Saturday, September 3, 2016

Another Anniversary

This week, 30 years ago, 1986, I moved into this house.  I don't have the exact date because the legal purchase date and the move-in date aren't the same.  And it took a week to move everything.  But basically, around Labor Day, I moved into my own house.  No roommates, just me and Mean Old Tinkerbelle the cat (who I loved dearly in spite of the name).

It doesn't feel like all that many years, but it is...

It was a "starter house".  I guess I'm still starting...  I look at this place on Google Earth about once a month.  The pictures changes sometimes.  But the house doesn't really.  I know every blade of grass and garden weed.  I can walk around in the total darkness of the middle of the night and know exactly where I am (shuffling my feet carefully to avoid stepping on a cat of course - because THEY move).

If the power went out, in the middle of the night, it wouldn't matter until it got hot or cold.   I know every creak of floorboard, every sticky cabinet door, and every pipe noise.  In fact, I didn't hear a familiar sound last Spring and went down to check.  Sure enough, the A/C condensation reservoir was blocked by some surprise algae growth blocking the disposal pump overflowing onto the basement floor.


I know when the aquarium needs more water from the sound of the pump.  In my sleep.

It is unlikely that anyone will ever know this house like I do.   I was the 3rd person to build on my street and the other 2 left a decade ago.

I know every cat sound and if one jumps onto a kitchen counter, I know which one it is.   They hate that.

And I want it to stay that way for a long long time more!

Wish me a happy 30th in my home...

Mark and the Mews in The Green House, Maryland, United States, Earth, Solar System, Milky Way Galaxy, Virgo Supercluster, and we aren't sure beyond that.

3 comments:

Megan said...

What a fabulous story. Love it!

I have now lived in the same house for about 22 years. We didn't build it, but bought it from the people who had it built for them. It was well built, but we haven't maintained it well, so it needs quite a lot of work done to it. There are nine houses in our cul de sac and four or five of them are still occupied by the people who built on the land in the very early 1980s, which is kind of nice. I feel that I, too, recognise a lot of the sounds of the building. I can tell which kitchen cupboard is being opened by my husband, which step he's on as he walks up the stairs (they have different creaks). I can hear water running in the pipes and I know which tap is being used.

The weird thing, in my case, is that I still don't really feel as though I'm 'from here'. I still think of myself as someone from the Sydney suburb where I grew up (and where my mother still lives in the family home), rather than being from the suburb I've now lived in far longer than I've lived anywhere else. That is, I still feel like an outsider. I don't know the names of many of the streets in my suburb and we don't know anyone who lives in our suburb apart from some of our immediate neighbours. I don't use any medical services close by - I drive about 20km (15 miles) to my preferred doctor and almost the same distance to my dentist, simply because I established those relationships when I was working in another suburb and have maintained them ever since. I don't even get my hair cut locally. I do my grocery shopping at the closest supermarket, admittedly, but that's about it. I don't belong to any local clubs or groups, and the only council-provided facility that I make much use of is the municipal library. If I go to a local restaurant, it's to pick up some take-away food, not to eat in.
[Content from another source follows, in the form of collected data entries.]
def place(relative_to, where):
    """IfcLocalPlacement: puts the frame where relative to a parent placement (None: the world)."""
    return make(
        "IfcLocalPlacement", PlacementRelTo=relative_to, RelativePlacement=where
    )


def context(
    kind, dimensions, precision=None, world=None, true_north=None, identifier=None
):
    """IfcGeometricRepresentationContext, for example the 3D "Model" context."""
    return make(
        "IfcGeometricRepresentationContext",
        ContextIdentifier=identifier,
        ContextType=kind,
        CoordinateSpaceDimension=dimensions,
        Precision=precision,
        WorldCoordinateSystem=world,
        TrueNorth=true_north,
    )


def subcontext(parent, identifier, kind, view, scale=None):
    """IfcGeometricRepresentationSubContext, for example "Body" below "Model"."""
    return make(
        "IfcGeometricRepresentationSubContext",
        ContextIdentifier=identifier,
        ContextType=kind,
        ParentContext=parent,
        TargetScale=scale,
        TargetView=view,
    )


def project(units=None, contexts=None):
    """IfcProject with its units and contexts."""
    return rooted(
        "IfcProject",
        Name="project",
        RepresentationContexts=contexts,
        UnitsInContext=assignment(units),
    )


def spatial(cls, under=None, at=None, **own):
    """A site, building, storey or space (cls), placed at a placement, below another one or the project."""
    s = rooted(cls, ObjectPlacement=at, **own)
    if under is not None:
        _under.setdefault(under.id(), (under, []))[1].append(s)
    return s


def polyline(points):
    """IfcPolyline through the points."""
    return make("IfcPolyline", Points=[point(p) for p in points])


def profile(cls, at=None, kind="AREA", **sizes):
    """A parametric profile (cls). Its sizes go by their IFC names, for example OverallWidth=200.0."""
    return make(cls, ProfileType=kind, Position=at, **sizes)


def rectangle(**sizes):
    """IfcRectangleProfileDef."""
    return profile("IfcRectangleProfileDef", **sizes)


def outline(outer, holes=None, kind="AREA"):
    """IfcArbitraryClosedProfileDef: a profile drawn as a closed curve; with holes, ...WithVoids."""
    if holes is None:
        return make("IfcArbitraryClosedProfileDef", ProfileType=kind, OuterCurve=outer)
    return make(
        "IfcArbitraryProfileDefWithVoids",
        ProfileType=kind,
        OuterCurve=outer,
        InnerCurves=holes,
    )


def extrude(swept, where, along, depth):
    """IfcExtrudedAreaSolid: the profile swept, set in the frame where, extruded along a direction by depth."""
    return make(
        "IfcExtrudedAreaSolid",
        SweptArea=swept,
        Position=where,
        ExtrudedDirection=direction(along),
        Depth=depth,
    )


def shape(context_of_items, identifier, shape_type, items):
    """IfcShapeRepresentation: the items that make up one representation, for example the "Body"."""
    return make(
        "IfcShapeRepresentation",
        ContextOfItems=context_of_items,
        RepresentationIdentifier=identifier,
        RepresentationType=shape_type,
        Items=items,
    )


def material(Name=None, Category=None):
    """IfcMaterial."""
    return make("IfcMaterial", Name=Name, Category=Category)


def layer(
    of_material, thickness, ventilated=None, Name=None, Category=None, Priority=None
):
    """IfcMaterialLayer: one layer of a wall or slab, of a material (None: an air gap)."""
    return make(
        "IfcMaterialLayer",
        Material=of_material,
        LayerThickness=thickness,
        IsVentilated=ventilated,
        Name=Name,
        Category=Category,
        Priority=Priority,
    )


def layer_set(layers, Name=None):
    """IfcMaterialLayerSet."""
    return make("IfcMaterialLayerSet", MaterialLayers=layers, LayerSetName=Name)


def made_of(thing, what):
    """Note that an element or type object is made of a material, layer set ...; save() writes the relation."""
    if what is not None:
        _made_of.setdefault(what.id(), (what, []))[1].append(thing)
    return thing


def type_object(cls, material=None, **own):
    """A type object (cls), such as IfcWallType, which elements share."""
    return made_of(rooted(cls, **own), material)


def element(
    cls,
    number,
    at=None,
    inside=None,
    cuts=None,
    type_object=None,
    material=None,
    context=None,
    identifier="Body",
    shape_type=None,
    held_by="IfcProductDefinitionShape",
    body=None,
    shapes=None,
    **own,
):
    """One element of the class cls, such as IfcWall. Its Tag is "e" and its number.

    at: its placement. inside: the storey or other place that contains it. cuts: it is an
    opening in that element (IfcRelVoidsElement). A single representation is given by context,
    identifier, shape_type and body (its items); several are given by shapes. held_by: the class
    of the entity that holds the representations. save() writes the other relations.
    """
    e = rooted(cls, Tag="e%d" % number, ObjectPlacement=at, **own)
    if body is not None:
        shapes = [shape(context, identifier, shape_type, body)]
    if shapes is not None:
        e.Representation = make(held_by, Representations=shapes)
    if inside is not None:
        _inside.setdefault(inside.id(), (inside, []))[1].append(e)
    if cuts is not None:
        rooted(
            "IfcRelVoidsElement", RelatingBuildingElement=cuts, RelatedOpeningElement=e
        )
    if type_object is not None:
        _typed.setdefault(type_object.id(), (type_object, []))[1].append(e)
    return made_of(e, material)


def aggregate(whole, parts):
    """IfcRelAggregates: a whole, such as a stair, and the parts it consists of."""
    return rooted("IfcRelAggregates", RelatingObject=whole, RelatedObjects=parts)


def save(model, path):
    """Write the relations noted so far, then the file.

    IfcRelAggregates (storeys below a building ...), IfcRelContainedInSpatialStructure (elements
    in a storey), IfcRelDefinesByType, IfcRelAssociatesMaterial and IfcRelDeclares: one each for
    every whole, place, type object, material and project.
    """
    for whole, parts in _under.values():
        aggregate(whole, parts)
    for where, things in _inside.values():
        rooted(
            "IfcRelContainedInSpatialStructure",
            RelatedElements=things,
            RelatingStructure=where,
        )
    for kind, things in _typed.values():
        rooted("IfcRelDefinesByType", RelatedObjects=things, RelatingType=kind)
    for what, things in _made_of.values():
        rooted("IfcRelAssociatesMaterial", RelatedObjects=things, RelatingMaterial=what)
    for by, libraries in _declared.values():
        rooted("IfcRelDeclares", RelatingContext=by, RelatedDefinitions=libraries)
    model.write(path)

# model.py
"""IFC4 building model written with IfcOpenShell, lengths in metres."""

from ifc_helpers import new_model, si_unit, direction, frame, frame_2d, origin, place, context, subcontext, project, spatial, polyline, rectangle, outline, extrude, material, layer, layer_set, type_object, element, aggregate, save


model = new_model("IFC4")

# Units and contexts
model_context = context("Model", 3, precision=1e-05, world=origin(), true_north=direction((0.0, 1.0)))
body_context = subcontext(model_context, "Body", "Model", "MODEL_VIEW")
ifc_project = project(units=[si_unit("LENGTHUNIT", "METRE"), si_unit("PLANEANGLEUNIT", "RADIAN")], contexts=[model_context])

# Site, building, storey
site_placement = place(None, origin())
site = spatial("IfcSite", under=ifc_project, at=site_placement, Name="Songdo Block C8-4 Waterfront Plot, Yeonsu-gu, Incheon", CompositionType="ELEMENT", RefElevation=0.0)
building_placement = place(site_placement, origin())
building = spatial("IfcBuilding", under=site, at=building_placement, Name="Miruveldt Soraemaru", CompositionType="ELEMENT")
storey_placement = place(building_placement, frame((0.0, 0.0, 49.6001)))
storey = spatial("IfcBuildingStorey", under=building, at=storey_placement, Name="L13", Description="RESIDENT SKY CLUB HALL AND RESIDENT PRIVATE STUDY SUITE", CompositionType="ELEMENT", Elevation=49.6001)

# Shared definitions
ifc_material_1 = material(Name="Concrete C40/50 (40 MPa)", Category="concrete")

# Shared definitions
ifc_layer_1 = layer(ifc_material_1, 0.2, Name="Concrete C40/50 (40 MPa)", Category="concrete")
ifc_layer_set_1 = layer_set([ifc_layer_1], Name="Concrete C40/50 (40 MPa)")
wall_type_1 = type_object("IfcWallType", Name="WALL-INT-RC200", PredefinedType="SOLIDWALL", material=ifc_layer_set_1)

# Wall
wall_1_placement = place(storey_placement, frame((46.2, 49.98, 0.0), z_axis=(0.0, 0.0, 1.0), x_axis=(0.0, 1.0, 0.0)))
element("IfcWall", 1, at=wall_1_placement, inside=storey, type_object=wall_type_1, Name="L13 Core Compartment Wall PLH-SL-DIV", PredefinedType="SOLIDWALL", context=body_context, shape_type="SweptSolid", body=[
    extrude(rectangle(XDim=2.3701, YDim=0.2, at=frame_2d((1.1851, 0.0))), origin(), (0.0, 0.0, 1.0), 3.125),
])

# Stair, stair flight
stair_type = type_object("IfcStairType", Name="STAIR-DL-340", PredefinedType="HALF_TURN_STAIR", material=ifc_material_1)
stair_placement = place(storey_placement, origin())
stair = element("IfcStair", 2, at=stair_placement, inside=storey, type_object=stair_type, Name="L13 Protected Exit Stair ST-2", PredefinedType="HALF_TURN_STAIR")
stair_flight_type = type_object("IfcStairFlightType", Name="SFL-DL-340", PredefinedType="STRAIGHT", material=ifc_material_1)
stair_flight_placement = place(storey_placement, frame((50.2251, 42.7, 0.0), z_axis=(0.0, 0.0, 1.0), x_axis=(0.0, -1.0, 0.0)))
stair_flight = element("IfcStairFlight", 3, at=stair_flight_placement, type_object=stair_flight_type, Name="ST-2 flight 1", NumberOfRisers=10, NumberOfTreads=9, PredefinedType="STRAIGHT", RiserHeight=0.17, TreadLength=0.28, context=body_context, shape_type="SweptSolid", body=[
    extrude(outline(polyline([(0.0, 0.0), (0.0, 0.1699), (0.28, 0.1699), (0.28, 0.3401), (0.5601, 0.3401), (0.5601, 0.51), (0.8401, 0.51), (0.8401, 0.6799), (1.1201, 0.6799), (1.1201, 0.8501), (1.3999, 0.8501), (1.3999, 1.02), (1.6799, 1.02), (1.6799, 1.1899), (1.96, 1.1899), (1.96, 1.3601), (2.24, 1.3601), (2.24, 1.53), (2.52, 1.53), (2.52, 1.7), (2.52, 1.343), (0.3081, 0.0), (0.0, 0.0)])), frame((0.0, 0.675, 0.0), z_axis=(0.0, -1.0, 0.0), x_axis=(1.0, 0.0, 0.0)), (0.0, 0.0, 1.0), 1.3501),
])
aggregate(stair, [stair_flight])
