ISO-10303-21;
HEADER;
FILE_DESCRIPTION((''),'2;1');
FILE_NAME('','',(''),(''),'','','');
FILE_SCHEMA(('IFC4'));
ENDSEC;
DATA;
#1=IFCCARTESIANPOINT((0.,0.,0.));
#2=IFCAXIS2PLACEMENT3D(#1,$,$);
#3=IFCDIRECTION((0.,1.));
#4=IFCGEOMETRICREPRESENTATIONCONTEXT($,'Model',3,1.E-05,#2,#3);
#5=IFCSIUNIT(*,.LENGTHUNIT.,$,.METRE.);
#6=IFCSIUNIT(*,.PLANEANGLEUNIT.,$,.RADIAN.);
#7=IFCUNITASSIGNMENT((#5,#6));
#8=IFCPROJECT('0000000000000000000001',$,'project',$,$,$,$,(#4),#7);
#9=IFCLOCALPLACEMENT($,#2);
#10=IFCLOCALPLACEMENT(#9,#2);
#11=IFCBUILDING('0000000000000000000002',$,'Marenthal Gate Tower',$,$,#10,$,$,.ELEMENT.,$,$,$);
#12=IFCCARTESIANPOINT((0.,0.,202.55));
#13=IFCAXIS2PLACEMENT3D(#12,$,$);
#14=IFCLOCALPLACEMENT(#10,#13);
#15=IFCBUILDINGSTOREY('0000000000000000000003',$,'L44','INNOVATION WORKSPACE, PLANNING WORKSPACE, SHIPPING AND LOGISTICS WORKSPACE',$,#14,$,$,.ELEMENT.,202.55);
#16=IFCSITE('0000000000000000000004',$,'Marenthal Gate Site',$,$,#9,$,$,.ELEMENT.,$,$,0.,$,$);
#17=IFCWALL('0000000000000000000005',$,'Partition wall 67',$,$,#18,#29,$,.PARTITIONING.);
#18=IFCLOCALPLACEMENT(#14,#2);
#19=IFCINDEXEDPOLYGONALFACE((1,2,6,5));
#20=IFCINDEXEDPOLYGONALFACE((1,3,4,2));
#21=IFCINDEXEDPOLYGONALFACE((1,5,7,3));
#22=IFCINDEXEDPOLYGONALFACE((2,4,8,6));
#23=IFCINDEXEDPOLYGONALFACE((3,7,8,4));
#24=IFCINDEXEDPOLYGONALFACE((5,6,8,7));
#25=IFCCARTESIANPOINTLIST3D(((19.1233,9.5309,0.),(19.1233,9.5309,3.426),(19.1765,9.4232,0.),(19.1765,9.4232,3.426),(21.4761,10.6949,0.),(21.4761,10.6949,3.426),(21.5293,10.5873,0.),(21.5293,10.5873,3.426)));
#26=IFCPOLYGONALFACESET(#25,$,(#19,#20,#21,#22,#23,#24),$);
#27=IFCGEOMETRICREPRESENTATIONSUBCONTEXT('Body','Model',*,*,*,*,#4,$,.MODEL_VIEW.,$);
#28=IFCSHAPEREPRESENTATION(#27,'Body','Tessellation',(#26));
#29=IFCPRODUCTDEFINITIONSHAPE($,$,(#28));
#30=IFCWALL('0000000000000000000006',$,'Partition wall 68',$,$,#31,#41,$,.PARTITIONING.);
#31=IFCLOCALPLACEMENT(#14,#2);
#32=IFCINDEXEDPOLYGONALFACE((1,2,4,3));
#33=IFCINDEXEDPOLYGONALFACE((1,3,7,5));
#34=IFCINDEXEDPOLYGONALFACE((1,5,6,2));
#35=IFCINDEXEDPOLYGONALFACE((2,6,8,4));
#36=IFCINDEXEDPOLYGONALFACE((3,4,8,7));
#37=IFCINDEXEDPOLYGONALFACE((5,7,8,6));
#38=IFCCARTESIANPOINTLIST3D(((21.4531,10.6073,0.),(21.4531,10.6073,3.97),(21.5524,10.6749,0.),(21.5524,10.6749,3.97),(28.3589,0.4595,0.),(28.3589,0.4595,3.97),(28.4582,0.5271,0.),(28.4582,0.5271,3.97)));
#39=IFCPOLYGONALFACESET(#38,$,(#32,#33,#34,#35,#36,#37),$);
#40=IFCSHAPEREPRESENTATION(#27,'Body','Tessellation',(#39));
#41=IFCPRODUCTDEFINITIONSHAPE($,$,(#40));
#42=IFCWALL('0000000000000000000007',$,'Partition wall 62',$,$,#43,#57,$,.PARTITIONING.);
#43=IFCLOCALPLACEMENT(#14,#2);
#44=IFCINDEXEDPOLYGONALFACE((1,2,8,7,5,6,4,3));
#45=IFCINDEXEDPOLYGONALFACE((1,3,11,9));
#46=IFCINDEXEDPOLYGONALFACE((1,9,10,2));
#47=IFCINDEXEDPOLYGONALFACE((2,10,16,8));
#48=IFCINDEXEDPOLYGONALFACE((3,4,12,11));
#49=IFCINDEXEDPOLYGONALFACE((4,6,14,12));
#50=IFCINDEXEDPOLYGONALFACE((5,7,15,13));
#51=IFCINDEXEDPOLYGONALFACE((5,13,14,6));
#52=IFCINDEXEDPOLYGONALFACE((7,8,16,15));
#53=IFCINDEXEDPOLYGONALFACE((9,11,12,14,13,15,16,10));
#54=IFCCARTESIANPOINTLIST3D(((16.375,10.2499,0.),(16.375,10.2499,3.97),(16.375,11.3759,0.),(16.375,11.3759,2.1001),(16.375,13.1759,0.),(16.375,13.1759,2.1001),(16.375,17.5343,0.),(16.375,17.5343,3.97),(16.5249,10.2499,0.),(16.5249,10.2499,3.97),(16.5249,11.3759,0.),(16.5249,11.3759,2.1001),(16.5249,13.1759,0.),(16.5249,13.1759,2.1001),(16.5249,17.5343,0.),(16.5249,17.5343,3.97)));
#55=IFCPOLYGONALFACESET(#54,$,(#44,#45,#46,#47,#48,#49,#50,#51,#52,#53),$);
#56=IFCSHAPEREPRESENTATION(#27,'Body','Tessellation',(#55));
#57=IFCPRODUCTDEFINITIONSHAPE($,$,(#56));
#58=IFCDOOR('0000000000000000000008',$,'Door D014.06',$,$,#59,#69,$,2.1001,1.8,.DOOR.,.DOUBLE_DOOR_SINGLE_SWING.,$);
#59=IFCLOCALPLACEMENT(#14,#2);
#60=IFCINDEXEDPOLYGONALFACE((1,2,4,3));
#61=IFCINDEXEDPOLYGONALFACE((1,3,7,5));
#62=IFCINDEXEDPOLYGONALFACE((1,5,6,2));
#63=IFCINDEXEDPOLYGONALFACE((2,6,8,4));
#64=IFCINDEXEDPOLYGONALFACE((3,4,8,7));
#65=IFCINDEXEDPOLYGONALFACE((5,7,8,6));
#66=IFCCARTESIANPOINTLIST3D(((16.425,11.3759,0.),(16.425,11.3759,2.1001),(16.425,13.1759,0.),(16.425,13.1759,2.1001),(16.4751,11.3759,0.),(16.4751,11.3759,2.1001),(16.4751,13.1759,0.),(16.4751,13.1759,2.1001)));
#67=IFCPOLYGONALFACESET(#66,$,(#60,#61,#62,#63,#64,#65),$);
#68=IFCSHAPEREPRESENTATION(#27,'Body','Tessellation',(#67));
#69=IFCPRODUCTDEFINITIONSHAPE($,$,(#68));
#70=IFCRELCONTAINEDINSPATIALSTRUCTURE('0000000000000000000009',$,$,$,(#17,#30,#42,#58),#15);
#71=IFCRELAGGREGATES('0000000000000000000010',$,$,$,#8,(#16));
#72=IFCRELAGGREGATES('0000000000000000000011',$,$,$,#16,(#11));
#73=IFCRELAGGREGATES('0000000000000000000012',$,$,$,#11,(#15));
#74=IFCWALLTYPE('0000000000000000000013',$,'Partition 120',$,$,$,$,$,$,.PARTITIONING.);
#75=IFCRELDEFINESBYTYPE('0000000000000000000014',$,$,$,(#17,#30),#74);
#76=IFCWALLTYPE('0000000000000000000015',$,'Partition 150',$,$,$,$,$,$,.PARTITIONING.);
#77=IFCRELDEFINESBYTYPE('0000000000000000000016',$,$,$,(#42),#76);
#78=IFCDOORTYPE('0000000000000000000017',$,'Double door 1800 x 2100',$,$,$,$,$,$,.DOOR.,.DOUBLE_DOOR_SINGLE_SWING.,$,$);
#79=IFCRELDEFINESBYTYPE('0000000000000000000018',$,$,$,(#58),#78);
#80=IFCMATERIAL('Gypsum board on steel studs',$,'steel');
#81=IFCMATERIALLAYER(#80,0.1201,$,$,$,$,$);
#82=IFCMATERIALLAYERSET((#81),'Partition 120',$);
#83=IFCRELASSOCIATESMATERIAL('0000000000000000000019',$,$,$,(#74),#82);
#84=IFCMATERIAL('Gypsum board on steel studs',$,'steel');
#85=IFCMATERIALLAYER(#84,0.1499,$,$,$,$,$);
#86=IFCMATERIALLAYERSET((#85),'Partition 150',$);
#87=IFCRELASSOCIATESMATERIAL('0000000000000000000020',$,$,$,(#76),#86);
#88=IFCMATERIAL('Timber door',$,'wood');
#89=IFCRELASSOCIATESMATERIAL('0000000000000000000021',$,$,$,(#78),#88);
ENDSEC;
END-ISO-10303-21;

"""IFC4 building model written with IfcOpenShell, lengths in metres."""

from ifc_helpers import new_model, si_unit, direction, frame, frame_2d, origin, place, context, subcontext, project, spatial, rectangle, extrude, material, layer, layer_set, type_object, element, fill, save


model = new_model("IFC4")

# Units and contexts
model_context = context("Model", 3, precision=1e-05, world=origin(), true_north=direction((0.0, 1.0)))
body_context = subcontext(model_context, "Body", "Model", "MODEL_VIEW")
ifc_project = project(units=[si_unit("LENGTHUNIT", "METRE"), si_unit("PLANEANGLEUNIT", "RADIAN")], contexts=[model_context])

# Site, building, storey
site_placement = place(None, origin())
site = spatial("IfcSite", under=ifc_project, at=site_placement, Name="Marenthal Gate Site", CompositionType="ELEMENT", RefElevation=0.0)
building_placement = place(site_placement, origin())
building = spatial("IfcBuilding", under=site, at=building_placement, Name="Marenthal Gate Tower", CompositionType="ELEMENT")
storey_placement = place(building_placement, frame((0.0, 0.0, 202.55)))
storey = spatial("IfcBuildingStorey", under=building, at=storey_placement, Name="L44", Description="INNOVATION WORKSPACE, PLANNING WORKSPACE, SHIPPING AND LOGISTICS WORKSPACE", CompositionType="ELEMENT", Elevation=202.55)

# Walls
ifc_material_1 = material(Name="Gypsum board on steel studs", Category="steel")
ifc_layer_1 = layer(ifc_material_1, 0.1201)
ifc_layer_set_1 = layer_set([ifc_layer_1], Name="Partition 120")
wall_type_1 = type_object("IfcWallType", Name="Partition 120", PredefinedType="PARTITIONING", material=ifc_layer_set_1)
wall_1_placement = place(storey_placement, frame((21.5027, 10.6411, 0.0), z_axis=(0.0, 0.0, 1.0), x_axis=(-0.896298, -0.443452, 0.0)))
element("IfcWall", 1, at=wall_1_placement, inside=storey, type_object=wall_type_1, Name="Partition wall 67", PredefinedType="PARTITIONING", context=body_context, shape_type="SweptSolid", body=[
    extrude(rectangle(XDim=2.625, YDim=0.1201, at=frame_2d((1.3125, 0.0))), origin(), (0.0, 0.0, 1.0), 3.426),
])
wall_2_placement = place(storey_placement, frame((28.4084, 0.4934, 0.0), z_axis=(0.0, 0.0, 1.0), x_axis=(-0.562606, 0.826725, 0.0)))
element("IfcWall", 2, at=wall_2_placement, inside=storey, type_object=wall_type_1, Name="Partition wall 68", PredefinedType="PARTITIONING", context=body_context, shape_type="SweptSolid", body=[
    extrude(rectangle(XDim=12.2747, YDim=0.1201, at=frame_2d((6.1372, 0.0))), origin(), (0.0, 0.0, 1.0), 3.97),
])

# Wall, opening, door
ifc_material_2 = material(Name="Gypsum board on steel studs", Category="steel")
ifc_layer_2 = layer(ifc_material_2, 0.1499)
ifc_layer_set_2 = layer_set([ifc_layer_2], Name="Partition 150")
wall_type_2 = type_object("IfcWallType", Name="Partition 150", PredefinedType="PARTITIONING", material=ifc_layer_set_2)
wall_3_placement = place(storey_placement, frame((16.45, 10.25, 0.0), z_axis=(0.0, 0.0, 1.0), x_axis=(0.0, 1.0, 0.0)))
wall_3 = element("IfcWall", 3, at=wall_3_placement, inside=storey, type_object=wall_type_2, Name="Partition wall 62", PredefinedType="PARTITIONING", context=body_context, shape_type="SweptSolid", body=[
    extrude(rectangle(XDim=7.2844, YDim=0.1499, at=frame_2d((3.6421, 0.0))), origin(), (0.0, 0.0, 1.0), 3.97),
])
opening_placement = place(wall_3_placement, frame((1.126, 0.0, 0.0)))
opening = element("IfcOpeningElement", 4, at=opening_placement, cuts=wall_3, PredefinedType="OPENING", context=body_context, shape_type="SweptSolid", body=[
    extrude(rectangle(XDim=1.8, YDim=2.1001, at=frame_2d((0.8999, 1.05))), frame((0.0, 0.085, 0.0), z_axis=(0.0, -1.0, 0.0), x_axis=(1.0, 0.0, 0.0)), (0.0, 0.0, 1.0), 0.1699),
])
ifc_material_3 = material(Name="Timber door", Category="wood")
door_type = type_object("IfcDoorType", Name="Double door 1800 x 2100", OperationType="DOUBLE_DOOR_SINGLE_SWING", PredefinedType="DOOR", material=ifc_material_3)
door_placement = place(opening_placement, origin())
door = element("IfcDoor", 5, at=door_placement, inside=storey, type_object=door_type, Name="Door D014.06", OperationType="DOUBLE_DOOR_SINGLE_SWING", OverallHeight=2.1001, OverallWidth=1.8, PredefinedType="DOOR", context=body_context, shape_type="SweptSolid", body=[
    extrude(rectangle(XDim=1.8, YDim=2.1001, at=frame_2d((0.8999, 1.05))), frame((0.0, 0.0249, 0.0), z_axis=(0.0, -1.0, 0.0), x_axis=(1.0, 0.0, 0.0)), (0.0, 0.0, 1.0), 0.05),
])
fill(opening, door)

save(model, "model.ifc")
How about you? After 30 years, are you part of your neighbourhood, as well as being an important custodian of your house?

Megan
Sydney, Australia

Mark's Mews (Marley, Lori, Taz, and Binq) said...

No, I am not part of my local community. I don't get the local newspaper, don't know the names of my neighbors, and don't know what is going on on my street.

And I don't think most of my neighbors have much idea what is going on near them either. The houses across the street seem to be mostly rentals. Why my side seems to be owners and the other side is rentals baffles me. They might have just been built for those purposes.

I suppose "once a rental, always a rental" and the other side are all small ranch houses while my side is split foyers. Maybe ranch houses are just cheaper to rent.

Let's just say that the couple across the street were moving out a few years and I helped them and discovered that they had rented there 10 years and I never knew their names.

A sociologist would call this a "bedroom community", meaning that people go to work from here, go out elsewhere where they like at night, and stay in on weekends to sleep before the workweek starts again.

Megan said...

It sounds a bit sad when you read it - but, I'm not prepared to do the kinds of things that are necessary to become a significant part of my local community. I'm an introvert! I do like the fact that I at least know my neighbours' names and have a nodding acquaintance with them such that I feel that I could call on them for help in a crisis. That helps make me feel safe.